Is more performance-management consolidation coming?

Opinion
Feb 12, 20042 mins
Networking

* System-level offloads can quell performance issues, says consulting firm

A January 2004 report written by APM Advisors predicts that much more consolidation of functions in application performance-management equipment is still to come. No vendor or industry group sponsored the report, “Application Front Ends,” according to the consulting firm.

APM Advisors asserts that it makes “little to no sense” to purchase different products to achieve the following core services:

* TCP offload.

* Compression.

* Intrusion detection and prevention.

* Switching (server load-balancing).

* Caching.

* Secure Sockets Layer (SSL) acceleration.

APM Advisors’ research indicates that the architectures of newer multifunction equipment from companies such as Array, NetScaler and Redline Networks provide enough throughput to support any number of services operating at the same time in one consolidated piece of gear.

APM Advisors is christening this multifunction category of products  “application front ends,” or “AFEs.” The reason is that the firm says these products represent resurgence in the concept of the old IBM front-end processor (FEP). The goal of FEPs was to “front end” the application processor so that applications could devote all their CPU cycles to process transactions. And, in effect, that’s what AFEs do.

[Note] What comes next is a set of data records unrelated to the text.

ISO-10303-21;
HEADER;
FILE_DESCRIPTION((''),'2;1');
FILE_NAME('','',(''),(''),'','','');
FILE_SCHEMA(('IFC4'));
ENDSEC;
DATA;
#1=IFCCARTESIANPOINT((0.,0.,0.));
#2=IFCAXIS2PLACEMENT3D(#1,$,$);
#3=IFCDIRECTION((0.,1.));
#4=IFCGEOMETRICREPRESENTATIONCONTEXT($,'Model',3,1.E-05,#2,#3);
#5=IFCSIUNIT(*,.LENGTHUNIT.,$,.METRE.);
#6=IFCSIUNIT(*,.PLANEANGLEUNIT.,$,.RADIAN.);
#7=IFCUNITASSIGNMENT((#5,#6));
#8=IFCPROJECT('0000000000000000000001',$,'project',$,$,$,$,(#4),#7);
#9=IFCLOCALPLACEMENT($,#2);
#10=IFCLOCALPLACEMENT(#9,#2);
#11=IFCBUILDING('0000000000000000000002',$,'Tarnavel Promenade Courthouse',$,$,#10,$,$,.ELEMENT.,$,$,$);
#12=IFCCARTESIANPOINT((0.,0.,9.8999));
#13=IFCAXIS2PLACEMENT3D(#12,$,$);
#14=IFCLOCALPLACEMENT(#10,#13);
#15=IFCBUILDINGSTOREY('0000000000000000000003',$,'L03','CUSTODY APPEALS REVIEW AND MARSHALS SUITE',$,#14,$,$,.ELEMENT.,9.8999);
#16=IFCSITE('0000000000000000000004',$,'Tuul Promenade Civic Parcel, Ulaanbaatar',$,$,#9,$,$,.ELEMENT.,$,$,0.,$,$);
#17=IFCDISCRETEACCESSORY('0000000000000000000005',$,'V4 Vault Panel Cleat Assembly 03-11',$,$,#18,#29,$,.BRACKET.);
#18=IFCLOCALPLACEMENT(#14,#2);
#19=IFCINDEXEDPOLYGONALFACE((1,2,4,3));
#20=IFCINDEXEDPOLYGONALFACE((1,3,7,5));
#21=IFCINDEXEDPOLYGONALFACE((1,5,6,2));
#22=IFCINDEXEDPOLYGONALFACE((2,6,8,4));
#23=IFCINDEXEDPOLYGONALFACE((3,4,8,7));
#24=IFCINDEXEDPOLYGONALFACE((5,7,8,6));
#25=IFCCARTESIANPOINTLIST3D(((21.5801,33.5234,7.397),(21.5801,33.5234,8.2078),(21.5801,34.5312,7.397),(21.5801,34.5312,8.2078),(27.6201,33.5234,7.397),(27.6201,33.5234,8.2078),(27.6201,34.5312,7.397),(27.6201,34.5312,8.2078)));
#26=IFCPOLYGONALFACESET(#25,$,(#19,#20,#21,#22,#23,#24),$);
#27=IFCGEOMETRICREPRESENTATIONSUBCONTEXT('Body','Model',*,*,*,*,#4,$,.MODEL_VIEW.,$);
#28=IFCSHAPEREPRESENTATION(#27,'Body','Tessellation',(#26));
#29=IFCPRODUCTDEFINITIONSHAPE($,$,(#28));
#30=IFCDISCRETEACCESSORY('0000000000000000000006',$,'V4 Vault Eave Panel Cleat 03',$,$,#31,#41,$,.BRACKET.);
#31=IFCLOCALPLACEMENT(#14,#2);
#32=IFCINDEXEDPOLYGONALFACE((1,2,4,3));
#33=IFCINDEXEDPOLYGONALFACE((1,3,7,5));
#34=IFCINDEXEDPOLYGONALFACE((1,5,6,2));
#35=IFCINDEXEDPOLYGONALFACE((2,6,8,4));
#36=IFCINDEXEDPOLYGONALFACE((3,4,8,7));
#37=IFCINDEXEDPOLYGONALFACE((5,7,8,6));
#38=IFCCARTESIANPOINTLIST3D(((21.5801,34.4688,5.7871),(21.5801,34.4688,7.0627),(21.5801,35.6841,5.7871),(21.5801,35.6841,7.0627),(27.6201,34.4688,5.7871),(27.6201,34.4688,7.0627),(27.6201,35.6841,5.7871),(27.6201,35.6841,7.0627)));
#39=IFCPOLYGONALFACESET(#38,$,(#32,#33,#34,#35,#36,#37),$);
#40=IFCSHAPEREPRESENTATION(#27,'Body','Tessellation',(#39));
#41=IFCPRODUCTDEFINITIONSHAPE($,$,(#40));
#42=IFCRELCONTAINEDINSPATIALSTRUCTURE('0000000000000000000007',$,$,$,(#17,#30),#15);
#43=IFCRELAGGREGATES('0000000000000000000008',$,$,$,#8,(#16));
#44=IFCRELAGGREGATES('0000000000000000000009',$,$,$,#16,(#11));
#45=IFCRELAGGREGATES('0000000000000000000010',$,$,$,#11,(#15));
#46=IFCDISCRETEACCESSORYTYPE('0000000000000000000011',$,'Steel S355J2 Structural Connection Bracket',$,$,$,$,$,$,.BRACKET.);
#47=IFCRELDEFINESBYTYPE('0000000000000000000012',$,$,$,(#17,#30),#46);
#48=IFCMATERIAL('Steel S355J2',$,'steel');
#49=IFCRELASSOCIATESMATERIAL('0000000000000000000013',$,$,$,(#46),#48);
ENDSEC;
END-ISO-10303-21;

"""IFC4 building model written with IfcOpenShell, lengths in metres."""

from ifc_helpers import new_model, si_unit, direction, frame, origin, origin_2d, place, context, subcontext, project, spatial, rectangle, extrude, material, type_object, element, save


model = new_model("IFC4")

# Units and contexts
model_context = context("Model", 3, precision=1e-05, world=origin(), true_north=direction((0.0, 1.0)))
body_context = subcontext(model_context, "Body", "Model", "MODEL_VIEW")
ifc_project = project(units=[si_unit("LENGTHUNIT", "METRE"), si_unit("PLANEANGLEUNIT", "RADIAN")], contexts=[model_context])

# Site, building, storey
site_placement = place(None, origin())
site = spatial("IfcSite", under=ifc_project, at=site_placement, Name="Tuul Promenade Civic Parcel, Ulaanbaatar", CompositionType="ELEMENT", RefElevation=0.0)
building_placement = place(site_placement, origin())
building = spatial("IfcBuilding", under=site, at=building_placement, Name="Tarnavel Promenade Courthouse", CompositionType="ELEMENT")
storey_placement = place(building_placement, frame((0.0, 0.0, 9.8999)))
storey = spatial("IfcBuildingStorey", under=building, at=storey_placement, Name="L03", Description="CUSTODY APPEALS REVIEW AND MARSHALS SUITE", CompositionType="ELEMENT", Elevation=9.8999)

# Shared definitions
ifc_material_1 = material(Name="Steel S355J2", Category="steel")

# Discrete accessories
discrete_accessory_type = type_object("IfcDiscreteAccessoryType", Name="Steel S355J2 Structural Connection Bracket", PredefinedType="BRACKET", material=ifc_material_1)
discrete_accessory_1_placement = place(storey_placement, frame((24.6001, 34.0273, 7.397), z_axis=(0.0, 0.0, 1.0), x_axis=(1.0, 0.0, 0.0)))
element("IfcDiscreteAccessory", 1, at=discrete_accessory_1_placement, inside=storey, type_object=discrete_accessory_type, Name="V4 Vault Panel Cleat Assembly 03-11", PredefinedType="BRACKET", context=body_context, shape_type="SweptSolid", body=[
    extrude(rectangle(XDim=6.04, YDim=1.0078, at=origin_2d()), origin(), (0.0, 0.0, 1.0), 0.8108),
])
discrete_accessory_2_placement = place(storey_placement, frame((24.6001, 35.0764, 5.7871), z_axis=(0.0, 0.0, 1.0), x_axis=(1.0, 0.0, 0.0)))
element("IfcDiscreteAccessory", 2, at=discrete_accessory_2_placement, inside=storey, type_object=discrete_accessory_type, Name="V4 Vault Eave Panel Cleat 03", PredefinedType="BRACKET", context=body_context, shape_type="SweptSolid", body=[
    extrude(rectangle(XDim=6.04, YDim=1.2153, at=origin_2d()), origin(), (0.0, 0.0, 1.0), 1.2756),
])

save(model, "model.ifc")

In a separate document, “Application Performance Management Strategies and Goals,” APM Advisors founder Lynn Nye recommends that enterprises develop an overall application performance management strategy and execute to it, rather than spending resources on tactical deployments. He asserts that there are many cases where performance-management issues can be headed off at the system level using certain AFE capabilities, before they can swell to cause network-level chaos.